[OMPI users] Fw: Intra-node communication

Mudassar Majeed Fri, 1 Jun 2012 11:05:56 -0400

Running with enabled shared memory gave me the following error.

mpprun INFO: Starting openmpi run on 2 nodes (16 ranks)...
--------------------------------------------------------------------------
A requested component was not found, or was unable to be opened.  This
means that this component is either not installed or is unable to be
used on your system (e.g., sometimes this means that shared libraries
that the component requires are unable to be found/loaded).  Note that
Open MPI stopped checking at the first component that it did not find.


Host:      n568
Framework: btl
Component: tcp
----------------

may be it is not installed on our supercomputing center.

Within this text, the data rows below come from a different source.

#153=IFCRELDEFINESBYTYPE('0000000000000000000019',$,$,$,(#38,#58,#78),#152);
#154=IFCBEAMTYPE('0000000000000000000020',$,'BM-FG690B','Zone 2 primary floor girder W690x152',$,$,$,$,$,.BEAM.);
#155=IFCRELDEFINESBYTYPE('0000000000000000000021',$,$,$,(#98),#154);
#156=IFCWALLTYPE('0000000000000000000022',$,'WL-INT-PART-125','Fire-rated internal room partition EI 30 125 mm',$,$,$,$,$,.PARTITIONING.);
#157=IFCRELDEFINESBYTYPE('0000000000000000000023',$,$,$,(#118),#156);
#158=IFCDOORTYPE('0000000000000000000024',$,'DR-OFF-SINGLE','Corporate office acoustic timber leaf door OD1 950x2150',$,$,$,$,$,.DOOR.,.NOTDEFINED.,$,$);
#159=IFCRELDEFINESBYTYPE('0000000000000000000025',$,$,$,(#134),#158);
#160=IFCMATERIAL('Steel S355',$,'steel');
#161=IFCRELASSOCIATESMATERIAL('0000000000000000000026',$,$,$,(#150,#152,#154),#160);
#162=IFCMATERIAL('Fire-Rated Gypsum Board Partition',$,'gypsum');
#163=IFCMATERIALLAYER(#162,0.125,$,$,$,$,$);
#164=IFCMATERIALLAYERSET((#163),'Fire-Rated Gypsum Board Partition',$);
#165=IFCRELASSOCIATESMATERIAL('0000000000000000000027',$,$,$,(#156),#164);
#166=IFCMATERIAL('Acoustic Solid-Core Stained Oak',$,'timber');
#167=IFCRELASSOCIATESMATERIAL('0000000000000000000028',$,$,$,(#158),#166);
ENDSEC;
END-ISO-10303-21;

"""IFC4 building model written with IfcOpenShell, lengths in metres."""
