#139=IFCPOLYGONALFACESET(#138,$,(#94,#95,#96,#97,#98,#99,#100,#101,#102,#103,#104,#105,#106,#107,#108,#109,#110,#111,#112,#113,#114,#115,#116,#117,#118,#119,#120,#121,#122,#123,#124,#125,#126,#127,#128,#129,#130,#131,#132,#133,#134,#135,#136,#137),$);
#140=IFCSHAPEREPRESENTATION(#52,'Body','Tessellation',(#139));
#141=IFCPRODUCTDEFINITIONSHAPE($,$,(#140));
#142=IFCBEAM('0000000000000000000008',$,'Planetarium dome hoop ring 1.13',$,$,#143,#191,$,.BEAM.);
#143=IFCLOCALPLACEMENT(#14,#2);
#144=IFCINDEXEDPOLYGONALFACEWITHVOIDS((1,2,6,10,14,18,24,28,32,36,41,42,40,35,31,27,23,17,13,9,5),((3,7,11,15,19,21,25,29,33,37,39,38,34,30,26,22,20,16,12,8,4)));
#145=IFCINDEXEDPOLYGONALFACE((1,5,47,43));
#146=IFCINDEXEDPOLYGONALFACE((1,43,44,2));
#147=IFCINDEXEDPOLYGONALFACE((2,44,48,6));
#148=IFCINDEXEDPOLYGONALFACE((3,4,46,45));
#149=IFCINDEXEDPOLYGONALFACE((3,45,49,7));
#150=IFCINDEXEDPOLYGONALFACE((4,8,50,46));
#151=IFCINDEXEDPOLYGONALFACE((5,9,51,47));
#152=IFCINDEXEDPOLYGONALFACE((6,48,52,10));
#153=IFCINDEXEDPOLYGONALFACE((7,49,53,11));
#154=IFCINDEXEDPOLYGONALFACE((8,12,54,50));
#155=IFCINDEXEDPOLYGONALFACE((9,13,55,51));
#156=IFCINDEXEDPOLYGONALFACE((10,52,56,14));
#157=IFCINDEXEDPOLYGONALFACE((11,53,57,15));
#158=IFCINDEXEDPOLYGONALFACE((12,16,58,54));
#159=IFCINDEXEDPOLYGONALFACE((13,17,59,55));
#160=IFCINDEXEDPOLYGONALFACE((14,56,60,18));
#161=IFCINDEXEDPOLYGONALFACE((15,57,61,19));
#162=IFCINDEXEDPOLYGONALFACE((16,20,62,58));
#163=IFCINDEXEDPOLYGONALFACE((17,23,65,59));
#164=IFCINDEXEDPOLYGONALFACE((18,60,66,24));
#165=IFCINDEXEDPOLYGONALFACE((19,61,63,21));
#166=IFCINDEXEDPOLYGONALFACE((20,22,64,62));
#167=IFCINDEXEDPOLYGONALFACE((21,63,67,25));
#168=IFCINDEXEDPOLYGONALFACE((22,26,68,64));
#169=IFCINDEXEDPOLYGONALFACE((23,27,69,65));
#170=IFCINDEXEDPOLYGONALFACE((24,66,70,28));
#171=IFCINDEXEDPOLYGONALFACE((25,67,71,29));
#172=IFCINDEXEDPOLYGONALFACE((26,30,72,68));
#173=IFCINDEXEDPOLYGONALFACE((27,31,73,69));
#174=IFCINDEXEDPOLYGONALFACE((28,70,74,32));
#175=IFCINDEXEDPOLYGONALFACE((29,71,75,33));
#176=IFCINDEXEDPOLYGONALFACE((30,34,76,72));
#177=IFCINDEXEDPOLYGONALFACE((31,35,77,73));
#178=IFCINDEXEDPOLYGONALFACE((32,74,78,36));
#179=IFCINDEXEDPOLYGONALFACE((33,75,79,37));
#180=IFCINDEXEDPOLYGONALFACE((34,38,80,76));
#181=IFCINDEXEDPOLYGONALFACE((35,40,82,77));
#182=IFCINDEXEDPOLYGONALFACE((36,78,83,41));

What do you suggest ?

best regards,


----- Forwarded Message -----
From: Mudassar Majeed <mudassar...@yahoo.com>
To: Jeff Squyres <jsquy...@cisco.com> 
Sent: Friday, June 1, 2012 5:03 PM
Subject: Re: [OMPI users] Intra-node communication
 

Here is the code, I am taking care of the first message. I start measuring the 
round trip time from second message. If you see in the code I do 100 hand 
shakes and find the overall time for them. I have two nodes each having 8 cores 
...... first I do exchange of messages between process 1 to process 2 because 
they are on the same node and measure the time. Then I do messages exchange 
between process 1 and 12 as they are on different nodes. But the output I got 
is as follows, 

---------------------------------------------------------------------------------
 
mpprun INFO: Starting openmpi run on 2 nodes (16 ranks)... 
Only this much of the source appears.